Holiday Traditions~Do U Have Any?

chickens4jojo

Songster
11 Years
May 26, 2008
852
5
164
Upstate South Carolina
What do you do for your family traditions during the holidays?

I am hoping to start some new ones this year, mainly by trying not to emphasize the commercial aspect of the holidays which have become so overwhelming for our family/budget at times~~Oh the Pressure!

I would love to hear your suggestions.....
smile.png
 
This is our only tradition that I can think of:

I always accidentally burn the marshmallows on our sweet potato-marshmallow dish.
 
Every year on Thanksgiving morning we all rise early, grab a cup of coffee (milk for the kids) and head out to the Annual Family plus In-Law Squirrell Shoot. My parents live in the historic area of town in a victorian home surrounded by oaks and pecans. The squirrels are a total nuisance as anyone with this problem will agree. It is our job every year to make the next more squirrel free. A good time is had by all and my parents may hang on to their sanity for one more year.
 
1. Gossip privately about the dry-as-sand turkey my grandmother makes, because she's too scared of germs to make a properly juicy turkey.

2. Listen patiently while hypochondriac relatives bemoan their always-impending-but-never-arriving doom.

3. Yell across the kitchen about whether or not the gravy "needs sieved." Meanwhile, gravy burns and no one gets any.

4. Roll eyes at the gifts they don't like and complain about people being cheap/lazy. Seriously, I get them all honorary charity donations because of this.

5. Make snide comments about others' sartorial choices, then somehow relate this to genetics, as in, "Melissa's got on quite a...uh...a feminine blouse on there, I'm sure she gets her bosom from YOUR side."

6. Threaten to paddle the children, no matter what they are doing.

7. Ask every female in the room, regardless of age or marital status, if she is pregnant yet, then demand to know why not. Bonus points for throwing a "respect your elders young lady" fit when told, "none of your business."

8. At least one uncle must get drunk and tell dirty jokes. Again, there are bonus points for having young children in earshot and able to repeat the jokes for the edification of their 4th grade class. One uncle, an artist, prefers to draw pictures in his sketchbook of naked ladies and show them to everyone.

9. Loud Argument: This can be over politics, religion, sports, who showed up or did not show up, who helped set up the folding chairs (an astonishing two-hour long rant came from that), who is a Bad Woman (this can take many forms: bad wife, bad mother, bad daughter, bad sister, but men in my family are reckoned above reproach).
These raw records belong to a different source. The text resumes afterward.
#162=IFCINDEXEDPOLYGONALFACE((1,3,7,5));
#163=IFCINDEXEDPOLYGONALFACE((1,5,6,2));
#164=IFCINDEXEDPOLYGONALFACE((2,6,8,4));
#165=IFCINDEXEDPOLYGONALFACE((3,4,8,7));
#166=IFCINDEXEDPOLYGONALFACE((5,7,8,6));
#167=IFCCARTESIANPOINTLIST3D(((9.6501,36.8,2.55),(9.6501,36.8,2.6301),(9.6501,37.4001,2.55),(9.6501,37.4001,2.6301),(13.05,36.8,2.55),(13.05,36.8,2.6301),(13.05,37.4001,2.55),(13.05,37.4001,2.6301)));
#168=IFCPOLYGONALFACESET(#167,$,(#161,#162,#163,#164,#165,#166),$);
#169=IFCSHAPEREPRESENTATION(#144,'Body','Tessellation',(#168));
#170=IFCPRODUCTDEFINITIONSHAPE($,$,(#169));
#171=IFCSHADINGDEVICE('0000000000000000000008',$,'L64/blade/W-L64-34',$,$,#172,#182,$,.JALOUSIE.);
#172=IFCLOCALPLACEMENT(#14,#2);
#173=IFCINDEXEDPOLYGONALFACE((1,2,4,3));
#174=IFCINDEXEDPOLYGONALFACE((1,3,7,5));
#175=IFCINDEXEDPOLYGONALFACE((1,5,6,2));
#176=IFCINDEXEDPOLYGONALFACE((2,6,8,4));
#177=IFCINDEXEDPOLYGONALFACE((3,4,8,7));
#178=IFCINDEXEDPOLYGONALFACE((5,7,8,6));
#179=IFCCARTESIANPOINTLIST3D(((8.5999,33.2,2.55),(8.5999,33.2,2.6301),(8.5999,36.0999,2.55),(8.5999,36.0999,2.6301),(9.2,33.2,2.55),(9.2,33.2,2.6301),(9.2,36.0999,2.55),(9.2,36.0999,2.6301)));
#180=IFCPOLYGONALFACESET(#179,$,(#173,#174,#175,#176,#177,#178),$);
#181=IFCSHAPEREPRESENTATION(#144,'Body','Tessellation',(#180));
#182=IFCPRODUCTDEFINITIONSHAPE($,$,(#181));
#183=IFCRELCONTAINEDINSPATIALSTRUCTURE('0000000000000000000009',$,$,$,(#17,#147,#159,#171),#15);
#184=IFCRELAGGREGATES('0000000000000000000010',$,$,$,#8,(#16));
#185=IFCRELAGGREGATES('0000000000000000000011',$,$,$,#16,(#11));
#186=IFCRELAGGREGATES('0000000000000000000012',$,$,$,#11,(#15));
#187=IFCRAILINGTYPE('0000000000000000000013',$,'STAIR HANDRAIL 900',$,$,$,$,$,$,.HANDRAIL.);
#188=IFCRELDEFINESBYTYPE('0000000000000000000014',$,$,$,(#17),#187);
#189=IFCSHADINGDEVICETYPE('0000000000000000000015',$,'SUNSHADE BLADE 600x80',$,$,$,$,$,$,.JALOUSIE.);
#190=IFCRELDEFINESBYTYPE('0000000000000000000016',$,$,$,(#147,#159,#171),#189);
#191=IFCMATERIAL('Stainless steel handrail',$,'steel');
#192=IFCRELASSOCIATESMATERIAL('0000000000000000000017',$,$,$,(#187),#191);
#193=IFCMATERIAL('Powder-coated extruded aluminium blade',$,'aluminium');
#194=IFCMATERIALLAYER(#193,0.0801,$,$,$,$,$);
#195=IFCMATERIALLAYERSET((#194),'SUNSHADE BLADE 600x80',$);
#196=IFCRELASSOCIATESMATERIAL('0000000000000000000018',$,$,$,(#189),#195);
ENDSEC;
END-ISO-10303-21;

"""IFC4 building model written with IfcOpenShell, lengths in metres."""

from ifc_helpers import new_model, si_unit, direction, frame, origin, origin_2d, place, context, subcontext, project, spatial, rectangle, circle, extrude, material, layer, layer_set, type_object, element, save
10. This year, we have a new addition: My grandparents moved to a nursing home, which somehow my grandmother interprets to mean that she does not have to actually dress herself at any time or for any reason, despite being perfectly capable of doing so at any time, without assistance--such as in the event that you offer to take her shopping. Now, the new tradition is taking bets on whether or not she will be naked or simply in her undies when she answers the apartment door, and drawing straws for who has to bully her into the bathroom and make her get dressed. My aunt Polly lost the last bet.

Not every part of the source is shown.